The error means just as it says: INACCESSIBLE_BOOT_DEVICE. It means that when attempting to access and mount the drive that Windows Server 2003 will install on, it fails. There can be many reasons that could cause this, but often it is because the drive is bad and must be replaced.

You should first attempt to remedy using the Recovery Console. You can access it by doing the following (taken from this article):



> Use the Recovery Console on a Computer that Does Not Start
> NOTE: You must be logged on as Administrator or as a member of the Administrators group to perform this procedure. Also, if your computer is connected to a network, network policy settings may prevent you from completing this procedure.
> 
> To run the Recovery Console, follow these steps:
> ...


When you are in the Recovery Console, type _chkdsk /R_. Let it finish. If it comes up with multiple bad block/sector errors, you most certainly have a bad drive.
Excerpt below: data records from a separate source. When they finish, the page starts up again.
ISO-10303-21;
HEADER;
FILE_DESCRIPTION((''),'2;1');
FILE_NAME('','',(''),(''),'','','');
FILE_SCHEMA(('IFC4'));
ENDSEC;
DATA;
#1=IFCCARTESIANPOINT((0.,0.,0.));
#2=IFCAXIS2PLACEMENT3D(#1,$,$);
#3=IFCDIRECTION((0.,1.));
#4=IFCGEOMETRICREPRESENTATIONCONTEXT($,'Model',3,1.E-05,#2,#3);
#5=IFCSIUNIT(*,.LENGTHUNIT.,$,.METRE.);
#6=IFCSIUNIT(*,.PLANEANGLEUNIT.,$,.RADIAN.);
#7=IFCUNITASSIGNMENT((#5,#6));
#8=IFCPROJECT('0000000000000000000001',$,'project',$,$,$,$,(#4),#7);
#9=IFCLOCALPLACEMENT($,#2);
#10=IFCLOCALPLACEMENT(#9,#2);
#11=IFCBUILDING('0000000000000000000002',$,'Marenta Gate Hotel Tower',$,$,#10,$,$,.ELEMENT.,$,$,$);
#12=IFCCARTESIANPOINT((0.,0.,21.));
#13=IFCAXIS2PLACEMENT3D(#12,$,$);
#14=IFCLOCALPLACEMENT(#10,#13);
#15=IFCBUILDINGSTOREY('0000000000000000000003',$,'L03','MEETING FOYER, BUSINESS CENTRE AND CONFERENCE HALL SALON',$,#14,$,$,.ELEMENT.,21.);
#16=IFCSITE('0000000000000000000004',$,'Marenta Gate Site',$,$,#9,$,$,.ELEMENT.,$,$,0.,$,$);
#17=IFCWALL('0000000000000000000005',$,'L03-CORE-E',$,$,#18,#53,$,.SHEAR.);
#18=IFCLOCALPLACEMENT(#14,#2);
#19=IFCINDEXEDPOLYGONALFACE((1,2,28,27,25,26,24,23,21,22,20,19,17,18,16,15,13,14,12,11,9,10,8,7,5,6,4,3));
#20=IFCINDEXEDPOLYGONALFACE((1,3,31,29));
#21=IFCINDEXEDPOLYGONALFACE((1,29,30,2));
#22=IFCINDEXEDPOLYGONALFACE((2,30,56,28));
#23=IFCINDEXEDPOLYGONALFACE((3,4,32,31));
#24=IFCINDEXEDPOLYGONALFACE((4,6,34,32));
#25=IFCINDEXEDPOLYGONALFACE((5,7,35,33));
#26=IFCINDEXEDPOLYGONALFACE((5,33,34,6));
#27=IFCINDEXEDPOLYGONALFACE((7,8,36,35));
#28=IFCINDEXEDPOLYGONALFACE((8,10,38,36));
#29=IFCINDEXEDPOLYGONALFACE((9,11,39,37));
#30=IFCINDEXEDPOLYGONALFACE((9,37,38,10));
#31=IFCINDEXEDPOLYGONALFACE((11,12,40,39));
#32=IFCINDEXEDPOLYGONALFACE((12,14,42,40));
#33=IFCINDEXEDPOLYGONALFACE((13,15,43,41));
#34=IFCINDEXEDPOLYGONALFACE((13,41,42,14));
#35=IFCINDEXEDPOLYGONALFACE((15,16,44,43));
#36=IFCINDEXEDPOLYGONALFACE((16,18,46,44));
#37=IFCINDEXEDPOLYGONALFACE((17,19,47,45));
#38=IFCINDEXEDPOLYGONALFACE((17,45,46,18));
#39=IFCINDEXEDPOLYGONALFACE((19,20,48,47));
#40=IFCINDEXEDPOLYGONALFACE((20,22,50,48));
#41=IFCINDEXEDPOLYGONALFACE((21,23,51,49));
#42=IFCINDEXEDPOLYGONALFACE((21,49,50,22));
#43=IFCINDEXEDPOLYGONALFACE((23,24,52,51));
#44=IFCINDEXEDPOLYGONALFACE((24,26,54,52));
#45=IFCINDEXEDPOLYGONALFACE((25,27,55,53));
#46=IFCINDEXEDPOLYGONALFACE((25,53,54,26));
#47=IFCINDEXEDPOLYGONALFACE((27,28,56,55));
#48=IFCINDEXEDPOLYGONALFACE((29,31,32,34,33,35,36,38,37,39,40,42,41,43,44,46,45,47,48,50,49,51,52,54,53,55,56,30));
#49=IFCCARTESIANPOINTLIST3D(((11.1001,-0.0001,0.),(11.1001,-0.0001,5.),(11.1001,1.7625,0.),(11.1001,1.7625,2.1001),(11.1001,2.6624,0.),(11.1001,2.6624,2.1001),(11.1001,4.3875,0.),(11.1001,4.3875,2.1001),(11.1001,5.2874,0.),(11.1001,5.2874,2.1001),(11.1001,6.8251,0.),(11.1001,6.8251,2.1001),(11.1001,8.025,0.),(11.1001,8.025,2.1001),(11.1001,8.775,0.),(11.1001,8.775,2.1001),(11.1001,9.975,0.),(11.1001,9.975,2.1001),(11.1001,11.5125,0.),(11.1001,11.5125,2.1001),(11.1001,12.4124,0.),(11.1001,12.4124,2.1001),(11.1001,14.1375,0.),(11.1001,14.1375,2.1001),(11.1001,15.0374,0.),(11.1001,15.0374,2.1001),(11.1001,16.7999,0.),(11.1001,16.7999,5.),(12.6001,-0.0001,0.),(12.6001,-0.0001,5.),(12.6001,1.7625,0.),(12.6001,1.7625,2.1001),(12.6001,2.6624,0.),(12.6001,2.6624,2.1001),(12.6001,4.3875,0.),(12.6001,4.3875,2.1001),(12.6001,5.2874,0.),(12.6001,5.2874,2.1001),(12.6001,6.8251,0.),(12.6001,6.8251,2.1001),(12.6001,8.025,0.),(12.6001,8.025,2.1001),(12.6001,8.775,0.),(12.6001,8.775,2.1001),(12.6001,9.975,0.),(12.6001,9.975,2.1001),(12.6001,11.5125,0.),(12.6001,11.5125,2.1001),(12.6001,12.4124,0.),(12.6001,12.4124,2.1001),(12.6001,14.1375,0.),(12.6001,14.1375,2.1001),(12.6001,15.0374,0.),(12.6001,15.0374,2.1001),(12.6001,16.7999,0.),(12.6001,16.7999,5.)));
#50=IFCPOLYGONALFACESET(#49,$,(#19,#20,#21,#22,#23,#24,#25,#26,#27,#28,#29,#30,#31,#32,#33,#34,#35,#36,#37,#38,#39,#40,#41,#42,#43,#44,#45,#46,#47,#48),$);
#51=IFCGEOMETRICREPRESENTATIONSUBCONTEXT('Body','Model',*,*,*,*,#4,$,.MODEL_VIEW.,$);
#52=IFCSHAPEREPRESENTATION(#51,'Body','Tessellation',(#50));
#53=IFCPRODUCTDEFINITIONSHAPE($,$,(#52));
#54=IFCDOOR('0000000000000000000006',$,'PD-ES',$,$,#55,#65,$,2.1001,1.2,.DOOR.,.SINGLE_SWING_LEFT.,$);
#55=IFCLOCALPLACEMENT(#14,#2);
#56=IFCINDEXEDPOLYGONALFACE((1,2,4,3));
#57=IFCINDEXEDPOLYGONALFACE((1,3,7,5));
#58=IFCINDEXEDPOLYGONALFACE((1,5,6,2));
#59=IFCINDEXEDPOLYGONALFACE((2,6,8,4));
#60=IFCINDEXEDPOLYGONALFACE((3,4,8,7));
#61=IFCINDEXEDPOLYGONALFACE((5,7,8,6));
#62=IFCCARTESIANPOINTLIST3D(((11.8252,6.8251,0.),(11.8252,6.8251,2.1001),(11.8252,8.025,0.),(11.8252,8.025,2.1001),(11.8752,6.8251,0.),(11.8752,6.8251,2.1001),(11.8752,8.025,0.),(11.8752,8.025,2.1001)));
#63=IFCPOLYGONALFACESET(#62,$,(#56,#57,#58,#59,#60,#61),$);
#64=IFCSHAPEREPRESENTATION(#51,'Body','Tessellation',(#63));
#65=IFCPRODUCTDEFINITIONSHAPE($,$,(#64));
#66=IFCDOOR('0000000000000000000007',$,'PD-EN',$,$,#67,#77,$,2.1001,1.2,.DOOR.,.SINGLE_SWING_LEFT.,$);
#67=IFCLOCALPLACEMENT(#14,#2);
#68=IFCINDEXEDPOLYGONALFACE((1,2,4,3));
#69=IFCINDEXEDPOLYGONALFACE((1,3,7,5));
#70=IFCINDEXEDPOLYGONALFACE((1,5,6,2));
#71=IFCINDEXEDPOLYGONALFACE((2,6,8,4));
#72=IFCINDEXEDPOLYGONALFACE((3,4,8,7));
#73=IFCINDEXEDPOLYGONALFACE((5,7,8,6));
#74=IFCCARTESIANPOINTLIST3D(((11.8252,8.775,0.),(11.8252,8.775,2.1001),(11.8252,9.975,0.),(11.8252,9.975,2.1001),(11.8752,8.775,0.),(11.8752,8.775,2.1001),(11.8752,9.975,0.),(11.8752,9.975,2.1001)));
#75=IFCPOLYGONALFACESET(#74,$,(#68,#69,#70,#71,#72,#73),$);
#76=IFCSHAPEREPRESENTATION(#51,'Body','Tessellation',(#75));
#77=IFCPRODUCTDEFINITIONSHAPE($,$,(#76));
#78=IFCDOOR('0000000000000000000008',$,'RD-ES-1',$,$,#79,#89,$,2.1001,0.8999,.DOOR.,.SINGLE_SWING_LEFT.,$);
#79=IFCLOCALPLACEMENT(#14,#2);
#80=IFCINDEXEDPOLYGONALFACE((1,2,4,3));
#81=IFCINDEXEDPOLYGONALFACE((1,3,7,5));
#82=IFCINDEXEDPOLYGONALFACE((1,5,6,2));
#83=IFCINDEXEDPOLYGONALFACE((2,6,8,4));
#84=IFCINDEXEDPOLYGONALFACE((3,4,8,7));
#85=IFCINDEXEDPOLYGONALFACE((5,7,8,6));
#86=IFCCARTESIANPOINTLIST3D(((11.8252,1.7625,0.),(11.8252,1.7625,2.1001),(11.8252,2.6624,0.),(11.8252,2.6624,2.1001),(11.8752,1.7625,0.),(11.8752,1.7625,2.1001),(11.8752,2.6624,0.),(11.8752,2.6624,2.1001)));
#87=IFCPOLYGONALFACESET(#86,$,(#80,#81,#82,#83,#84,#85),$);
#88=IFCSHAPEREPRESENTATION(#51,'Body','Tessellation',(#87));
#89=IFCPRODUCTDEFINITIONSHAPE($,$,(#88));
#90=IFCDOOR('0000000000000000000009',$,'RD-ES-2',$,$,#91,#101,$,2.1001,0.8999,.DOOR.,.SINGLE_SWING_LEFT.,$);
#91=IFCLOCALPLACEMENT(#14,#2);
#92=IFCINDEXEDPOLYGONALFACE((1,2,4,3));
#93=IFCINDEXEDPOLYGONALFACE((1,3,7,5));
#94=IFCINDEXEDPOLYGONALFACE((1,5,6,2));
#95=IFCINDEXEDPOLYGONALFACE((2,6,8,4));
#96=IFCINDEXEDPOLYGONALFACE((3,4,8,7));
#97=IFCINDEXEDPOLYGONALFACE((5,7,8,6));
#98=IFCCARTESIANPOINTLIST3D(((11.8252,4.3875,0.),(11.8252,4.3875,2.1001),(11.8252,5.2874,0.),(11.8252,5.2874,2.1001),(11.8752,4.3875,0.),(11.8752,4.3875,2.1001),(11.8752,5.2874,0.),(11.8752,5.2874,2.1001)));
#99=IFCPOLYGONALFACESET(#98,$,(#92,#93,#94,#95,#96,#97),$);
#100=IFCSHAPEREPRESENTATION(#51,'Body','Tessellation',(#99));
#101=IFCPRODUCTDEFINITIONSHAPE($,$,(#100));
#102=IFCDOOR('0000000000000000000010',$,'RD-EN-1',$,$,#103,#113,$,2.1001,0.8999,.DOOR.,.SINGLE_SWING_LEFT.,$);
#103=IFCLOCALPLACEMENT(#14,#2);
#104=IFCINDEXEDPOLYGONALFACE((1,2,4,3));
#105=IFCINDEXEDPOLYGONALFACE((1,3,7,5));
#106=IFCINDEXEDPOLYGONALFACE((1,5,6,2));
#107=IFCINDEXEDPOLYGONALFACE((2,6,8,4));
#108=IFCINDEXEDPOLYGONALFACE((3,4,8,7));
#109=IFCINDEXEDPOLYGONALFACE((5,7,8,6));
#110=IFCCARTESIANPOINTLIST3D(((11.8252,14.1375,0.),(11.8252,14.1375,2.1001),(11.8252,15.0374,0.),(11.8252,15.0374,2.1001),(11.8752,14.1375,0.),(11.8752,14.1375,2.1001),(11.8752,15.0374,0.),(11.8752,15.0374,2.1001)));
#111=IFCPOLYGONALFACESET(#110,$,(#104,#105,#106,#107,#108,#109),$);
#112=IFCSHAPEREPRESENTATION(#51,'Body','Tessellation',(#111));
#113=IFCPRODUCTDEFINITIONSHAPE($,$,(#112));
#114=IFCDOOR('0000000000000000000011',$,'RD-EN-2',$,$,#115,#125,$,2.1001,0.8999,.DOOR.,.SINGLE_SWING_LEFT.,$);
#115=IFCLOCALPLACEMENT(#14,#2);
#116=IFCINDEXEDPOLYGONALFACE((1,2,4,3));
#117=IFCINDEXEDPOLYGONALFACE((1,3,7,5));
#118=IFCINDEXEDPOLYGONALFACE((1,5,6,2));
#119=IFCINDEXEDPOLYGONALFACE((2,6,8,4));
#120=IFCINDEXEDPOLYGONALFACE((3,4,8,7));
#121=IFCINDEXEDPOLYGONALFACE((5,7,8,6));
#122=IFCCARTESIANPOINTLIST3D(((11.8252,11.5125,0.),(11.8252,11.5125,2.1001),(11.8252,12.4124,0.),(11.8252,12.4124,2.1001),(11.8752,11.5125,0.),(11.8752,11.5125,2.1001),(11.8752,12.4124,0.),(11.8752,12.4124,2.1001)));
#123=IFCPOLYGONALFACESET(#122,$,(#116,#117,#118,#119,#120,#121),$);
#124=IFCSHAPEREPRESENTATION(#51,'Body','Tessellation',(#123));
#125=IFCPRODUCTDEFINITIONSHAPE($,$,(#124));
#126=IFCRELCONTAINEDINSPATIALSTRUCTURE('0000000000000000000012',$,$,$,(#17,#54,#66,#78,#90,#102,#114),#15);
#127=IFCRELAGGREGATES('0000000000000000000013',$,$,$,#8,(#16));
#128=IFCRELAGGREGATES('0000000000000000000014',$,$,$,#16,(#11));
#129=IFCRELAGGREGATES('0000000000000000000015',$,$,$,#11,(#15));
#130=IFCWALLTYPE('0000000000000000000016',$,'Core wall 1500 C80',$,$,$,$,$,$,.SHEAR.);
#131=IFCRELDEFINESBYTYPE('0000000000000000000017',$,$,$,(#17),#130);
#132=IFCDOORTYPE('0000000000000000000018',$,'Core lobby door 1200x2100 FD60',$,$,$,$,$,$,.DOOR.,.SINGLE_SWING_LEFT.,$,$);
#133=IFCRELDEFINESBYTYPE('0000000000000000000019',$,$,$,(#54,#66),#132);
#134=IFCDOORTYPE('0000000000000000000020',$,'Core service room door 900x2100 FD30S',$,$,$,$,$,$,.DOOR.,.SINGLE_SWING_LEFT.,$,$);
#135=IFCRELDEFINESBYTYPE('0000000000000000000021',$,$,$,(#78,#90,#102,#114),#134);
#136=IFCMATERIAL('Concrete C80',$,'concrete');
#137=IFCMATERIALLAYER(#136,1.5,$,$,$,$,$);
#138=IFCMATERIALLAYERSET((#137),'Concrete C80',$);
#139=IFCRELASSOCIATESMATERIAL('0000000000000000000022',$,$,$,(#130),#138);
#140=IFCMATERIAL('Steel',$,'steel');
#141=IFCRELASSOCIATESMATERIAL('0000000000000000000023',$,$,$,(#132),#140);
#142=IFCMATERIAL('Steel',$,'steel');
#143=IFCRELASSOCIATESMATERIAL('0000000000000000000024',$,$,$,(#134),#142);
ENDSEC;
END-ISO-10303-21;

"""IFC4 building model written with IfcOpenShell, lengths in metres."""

from ifc_helpers import new_model, si_unit, direction, frame, frame_2d, origin, place, context, subcontext, project, spatial, rectangle, extrude, material, layer, layer_set, type_object, element, fill, save


model = new_model("IFC4")

# Units and contexts
model_context = context("Model", 3, precision=1e-05, world=origin(), true_north=direction((0.0, 1.0)))
body_context = subcontext(model_context, "Body", "Model", "MODEL_VIEW")
ifc_project = project(units=[si_unit("LENGTHUNIT", "METRE"), si_unit("PLANEANGLEUNIT", "RADIAN")], contexts=[model_context])

# Site, building, storey
site_placement = place(None, origin())
site = spatial("IfcSite", under=ifc_project, at=site_placement, Name="Marenta Gate Site", CompositionType="ELEMENT", RefElevation=0.0)
building_placement = place(site_placement, origin())
building = spatial("IfcBuilding", under=site, at=building_placement, Name="Marenta Gate Hotel Tower", CompositionType="ELEMENT")
storey_placement = place(building_placement, frame((0.0, 0.0, 21.0)))
storey = spatial("IfcBuildingStorey", under=building, at=storey_placement, Name="L03", Description="MEETING FOYER, BUSINESS CENTRE AND CONFERENCE HALL SALON", CompositionType="ELEMENT", Elevation=21.0)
When it is done, check if that resolves the problem. If it does not, go back to the Recovery Console and use _fixboot_ followed by _fixmbr_. You may have to give _fixmbr_ a drive letter for the drive you want to install Server 2003 on (so for drive C it would be _fixmbr C_). Hopefully that all works.


----------



## dai (Jul 2, 2004)

set sata to be seen as ide in the bios


----------



## loda117 (Aug 6, 2010)

He could have raid running on the system? 
Need to get and load the raid drivers during the 2k3 install 

Need more information about your hardware


----------



## VirGnarus (Jun 28, 2010)

I always figured if he needed special RAID drivers that it would request it early during the installation process, otherwise he wouldn't even be able to see the drive/partition he wants to install Server 2003 on when it asks him where to install it. I could be wrong though, but that's how it usually happened with me.


----------



## loda117 (Aug 6, 2010)

well he is saying during install so that is the question OP can answer 
could be the drivers or the configuration of his drive in BIOS as dai stated


----------



## VirGnarus (Jun 28, 2010)

Hi, just getting an update to see if there's any progress on this. Thanks.


----------